First, we’ll look at some basics about how R code works.
Then, we’ll dissect an “Election Data Fetch” script that crunches Rutherford County precinct results for the 2022 Tennessee governor’s race.
This section borrows examples from “R programming for ABSOLUTE beginners,” an excellent introduction to R code from Dr.
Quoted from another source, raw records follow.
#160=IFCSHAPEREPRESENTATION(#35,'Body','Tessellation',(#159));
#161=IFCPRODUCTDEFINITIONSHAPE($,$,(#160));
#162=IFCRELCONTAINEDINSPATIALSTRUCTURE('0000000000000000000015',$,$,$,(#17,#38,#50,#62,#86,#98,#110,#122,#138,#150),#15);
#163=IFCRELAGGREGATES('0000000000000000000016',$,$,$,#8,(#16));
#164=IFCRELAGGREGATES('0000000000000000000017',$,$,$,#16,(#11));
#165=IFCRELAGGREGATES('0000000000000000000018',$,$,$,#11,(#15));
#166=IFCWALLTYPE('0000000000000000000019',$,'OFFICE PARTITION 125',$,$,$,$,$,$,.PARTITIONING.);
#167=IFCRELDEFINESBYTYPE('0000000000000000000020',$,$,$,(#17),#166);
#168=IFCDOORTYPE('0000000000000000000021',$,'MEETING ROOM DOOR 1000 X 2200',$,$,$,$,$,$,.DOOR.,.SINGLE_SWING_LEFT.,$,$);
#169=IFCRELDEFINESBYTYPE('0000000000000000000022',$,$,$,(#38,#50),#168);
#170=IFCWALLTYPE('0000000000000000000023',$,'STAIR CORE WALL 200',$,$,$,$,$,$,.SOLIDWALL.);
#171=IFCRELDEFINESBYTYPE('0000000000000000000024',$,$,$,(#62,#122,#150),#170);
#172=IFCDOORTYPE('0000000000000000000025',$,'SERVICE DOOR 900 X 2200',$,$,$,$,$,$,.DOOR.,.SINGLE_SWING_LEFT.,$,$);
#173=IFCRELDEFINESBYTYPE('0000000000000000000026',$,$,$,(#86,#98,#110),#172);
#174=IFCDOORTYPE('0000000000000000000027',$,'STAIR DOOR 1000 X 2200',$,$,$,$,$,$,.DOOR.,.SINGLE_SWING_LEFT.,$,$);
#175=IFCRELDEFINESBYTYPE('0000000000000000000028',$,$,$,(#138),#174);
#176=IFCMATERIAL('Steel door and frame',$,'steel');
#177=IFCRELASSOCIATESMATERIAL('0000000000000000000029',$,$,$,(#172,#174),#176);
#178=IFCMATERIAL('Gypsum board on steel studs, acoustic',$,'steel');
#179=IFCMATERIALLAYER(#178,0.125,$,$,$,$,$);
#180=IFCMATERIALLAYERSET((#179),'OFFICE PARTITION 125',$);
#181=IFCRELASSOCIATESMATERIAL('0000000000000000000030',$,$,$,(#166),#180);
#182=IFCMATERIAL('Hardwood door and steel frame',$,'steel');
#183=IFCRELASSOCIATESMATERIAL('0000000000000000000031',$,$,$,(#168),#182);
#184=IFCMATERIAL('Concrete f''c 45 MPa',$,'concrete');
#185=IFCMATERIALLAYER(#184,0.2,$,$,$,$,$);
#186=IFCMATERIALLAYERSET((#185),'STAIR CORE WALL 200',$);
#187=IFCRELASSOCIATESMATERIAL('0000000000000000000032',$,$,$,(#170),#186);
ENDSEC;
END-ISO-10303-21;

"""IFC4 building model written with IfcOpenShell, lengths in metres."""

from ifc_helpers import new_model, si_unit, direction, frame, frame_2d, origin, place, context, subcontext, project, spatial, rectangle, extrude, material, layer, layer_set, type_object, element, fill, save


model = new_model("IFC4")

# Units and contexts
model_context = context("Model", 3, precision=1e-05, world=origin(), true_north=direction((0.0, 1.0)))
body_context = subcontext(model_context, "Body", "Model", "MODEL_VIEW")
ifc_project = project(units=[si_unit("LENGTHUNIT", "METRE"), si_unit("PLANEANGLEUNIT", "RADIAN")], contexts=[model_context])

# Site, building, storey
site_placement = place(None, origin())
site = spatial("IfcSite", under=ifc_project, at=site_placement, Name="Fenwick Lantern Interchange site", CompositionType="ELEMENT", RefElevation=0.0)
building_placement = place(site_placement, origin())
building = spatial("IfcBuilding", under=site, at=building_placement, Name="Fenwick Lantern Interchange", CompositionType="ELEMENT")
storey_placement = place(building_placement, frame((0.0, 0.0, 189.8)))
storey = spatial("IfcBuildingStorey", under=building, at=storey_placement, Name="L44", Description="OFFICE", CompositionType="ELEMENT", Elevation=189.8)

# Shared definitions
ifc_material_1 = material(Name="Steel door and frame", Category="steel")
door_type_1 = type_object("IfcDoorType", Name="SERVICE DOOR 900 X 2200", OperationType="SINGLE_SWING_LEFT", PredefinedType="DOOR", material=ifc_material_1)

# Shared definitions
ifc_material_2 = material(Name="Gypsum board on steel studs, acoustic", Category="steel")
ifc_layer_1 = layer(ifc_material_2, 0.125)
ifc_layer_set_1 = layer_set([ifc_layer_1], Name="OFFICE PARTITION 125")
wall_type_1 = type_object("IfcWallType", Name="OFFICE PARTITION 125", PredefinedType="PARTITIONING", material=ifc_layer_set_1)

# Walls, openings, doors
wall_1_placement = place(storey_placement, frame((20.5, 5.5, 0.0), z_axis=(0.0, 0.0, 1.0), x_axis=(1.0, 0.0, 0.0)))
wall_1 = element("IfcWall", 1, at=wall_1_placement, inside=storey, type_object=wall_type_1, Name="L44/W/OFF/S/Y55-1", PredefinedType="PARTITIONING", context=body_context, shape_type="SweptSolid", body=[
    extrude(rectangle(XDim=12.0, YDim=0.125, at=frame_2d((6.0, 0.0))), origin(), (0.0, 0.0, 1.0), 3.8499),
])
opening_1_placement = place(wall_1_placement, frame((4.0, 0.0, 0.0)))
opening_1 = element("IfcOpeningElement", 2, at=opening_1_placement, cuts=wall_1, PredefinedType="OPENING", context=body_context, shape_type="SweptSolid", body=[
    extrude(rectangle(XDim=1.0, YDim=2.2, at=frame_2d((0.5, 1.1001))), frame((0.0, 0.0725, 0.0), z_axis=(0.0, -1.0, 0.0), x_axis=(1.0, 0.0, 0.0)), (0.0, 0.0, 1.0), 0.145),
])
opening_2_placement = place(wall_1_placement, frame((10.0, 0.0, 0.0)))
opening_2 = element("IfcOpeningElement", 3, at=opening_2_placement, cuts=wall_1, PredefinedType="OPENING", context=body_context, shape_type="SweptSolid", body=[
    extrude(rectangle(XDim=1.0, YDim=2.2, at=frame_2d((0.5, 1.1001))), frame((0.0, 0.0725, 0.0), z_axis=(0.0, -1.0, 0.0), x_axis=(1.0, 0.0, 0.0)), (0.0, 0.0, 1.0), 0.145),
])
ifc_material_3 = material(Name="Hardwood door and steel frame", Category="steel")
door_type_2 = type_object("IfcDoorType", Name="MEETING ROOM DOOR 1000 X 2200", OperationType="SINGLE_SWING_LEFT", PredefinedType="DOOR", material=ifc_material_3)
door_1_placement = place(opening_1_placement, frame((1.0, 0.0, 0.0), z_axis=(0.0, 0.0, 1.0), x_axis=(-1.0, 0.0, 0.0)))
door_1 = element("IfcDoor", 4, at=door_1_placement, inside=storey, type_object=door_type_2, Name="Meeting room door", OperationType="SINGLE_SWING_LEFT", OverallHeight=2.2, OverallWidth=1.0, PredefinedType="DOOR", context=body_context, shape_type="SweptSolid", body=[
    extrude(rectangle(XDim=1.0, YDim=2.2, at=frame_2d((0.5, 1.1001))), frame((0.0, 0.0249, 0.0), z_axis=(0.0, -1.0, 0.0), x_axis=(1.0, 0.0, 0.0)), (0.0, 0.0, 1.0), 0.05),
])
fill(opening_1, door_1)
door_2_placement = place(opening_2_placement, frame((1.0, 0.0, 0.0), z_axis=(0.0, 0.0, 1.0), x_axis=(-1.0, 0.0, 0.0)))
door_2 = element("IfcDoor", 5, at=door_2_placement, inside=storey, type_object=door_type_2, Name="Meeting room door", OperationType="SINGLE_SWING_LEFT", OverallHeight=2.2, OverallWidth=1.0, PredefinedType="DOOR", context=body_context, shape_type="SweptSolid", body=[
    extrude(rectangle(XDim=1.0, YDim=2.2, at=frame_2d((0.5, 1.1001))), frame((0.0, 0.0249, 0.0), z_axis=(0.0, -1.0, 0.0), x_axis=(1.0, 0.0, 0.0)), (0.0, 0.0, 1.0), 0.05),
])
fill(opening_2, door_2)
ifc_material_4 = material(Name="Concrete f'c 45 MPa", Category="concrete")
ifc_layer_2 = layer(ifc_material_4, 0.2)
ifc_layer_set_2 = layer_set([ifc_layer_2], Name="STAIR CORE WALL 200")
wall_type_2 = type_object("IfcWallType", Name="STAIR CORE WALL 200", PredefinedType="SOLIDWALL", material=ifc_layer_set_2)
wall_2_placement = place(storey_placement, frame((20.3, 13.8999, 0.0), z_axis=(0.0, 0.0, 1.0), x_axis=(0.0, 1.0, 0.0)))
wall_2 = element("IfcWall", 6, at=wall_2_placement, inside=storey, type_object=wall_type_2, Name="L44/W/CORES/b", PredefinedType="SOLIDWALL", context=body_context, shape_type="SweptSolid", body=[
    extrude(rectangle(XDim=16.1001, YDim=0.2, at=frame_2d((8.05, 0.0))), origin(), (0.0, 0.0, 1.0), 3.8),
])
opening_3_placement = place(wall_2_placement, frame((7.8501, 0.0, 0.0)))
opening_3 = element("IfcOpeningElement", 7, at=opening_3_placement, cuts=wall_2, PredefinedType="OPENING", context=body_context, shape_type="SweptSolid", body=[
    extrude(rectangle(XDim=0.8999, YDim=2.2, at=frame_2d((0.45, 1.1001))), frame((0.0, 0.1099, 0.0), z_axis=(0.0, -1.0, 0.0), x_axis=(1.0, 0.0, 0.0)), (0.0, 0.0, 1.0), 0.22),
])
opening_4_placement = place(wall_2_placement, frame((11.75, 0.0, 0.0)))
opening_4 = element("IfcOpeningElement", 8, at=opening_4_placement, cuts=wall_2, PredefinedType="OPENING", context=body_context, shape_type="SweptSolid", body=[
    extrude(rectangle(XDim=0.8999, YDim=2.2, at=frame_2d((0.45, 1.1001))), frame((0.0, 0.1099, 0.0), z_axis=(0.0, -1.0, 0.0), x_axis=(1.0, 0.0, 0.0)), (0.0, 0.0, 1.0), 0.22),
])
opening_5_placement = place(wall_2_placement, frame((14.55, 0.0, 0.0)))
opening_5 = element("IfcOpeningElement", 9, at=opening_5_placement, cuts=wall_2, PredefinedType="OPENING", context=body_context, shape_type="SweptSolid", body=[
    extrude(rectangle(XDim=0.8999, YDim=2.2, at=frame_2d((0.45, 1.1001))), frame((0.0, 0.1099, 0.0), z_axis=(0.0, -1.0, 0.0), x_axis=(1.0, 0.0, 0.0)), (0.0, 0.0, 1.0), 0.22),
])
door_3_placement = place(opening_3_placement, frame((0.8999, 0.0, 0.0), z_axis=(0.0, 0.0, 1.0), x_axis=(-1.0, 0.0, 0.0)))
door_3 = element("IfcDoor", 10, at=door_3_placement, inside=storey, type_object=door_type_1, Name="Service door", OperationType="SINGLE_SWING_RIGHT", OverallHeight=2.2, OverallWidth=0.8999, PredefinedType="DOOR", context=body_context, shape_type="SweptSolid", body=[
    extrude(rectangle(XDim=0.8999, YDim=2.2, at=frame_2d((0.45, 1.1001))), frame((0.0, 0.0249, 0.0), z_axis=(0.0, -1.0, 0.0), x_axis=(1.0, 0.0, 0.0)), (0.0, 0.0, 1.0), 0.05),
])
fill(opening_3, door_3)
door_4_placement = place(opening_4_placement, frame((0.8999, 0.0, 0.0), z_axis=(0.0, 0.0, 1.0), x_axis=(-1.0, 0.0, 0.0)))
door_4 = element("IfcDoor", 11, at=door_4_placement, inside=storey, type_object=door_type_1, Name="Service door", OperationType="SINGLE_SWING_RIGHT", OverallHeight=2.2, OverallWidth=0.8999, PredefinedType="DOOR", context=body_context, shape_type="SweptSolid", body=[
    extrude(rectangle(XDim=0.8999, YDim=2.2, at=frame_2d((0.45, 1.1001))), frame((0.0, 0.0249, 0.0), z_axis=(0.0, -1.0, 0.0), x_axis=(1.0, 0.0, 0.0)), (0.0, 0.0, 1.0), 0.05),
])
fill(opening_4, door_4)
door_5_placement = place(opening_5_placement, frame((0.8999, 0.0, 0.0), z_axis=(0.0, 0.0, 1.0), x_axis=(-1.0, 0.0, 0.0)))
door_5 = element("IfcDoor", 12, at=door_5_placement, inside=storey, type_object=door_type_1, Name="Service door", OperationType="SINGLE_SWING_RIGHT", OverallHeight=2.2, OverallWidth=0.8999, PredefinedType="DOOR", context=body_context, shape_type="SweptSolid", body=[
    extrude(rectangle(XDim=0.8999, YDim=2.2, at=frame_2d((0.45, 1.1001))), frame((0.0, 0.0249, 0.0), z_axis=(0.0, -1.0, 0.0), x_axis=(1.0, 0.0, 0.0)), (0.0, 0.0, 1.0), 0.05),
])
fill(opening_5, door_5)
Greg Martin’s R Programming 101 YouTube channel.
5 + 6
## [1] 11
a <- 5
b <- 6
a + b
## [1] 11
sum(a,b)
## [1] 11
name <- c("Greg", "Gill")
name
## [1] "Greg" "Gill"
name <- c("Greg", "Paul", "Kim")
age <- c(47,52,34)
gender <- c("M","M","F")
name
## [1] "Greg" "Paul" "Kim"
age
## [1] 47 52 34
gender
## [1] "M" "M" "F"
I used the head() function to show the data frame in the output here. Martin simply clicks on the data frame in RStudio and shows it to you there.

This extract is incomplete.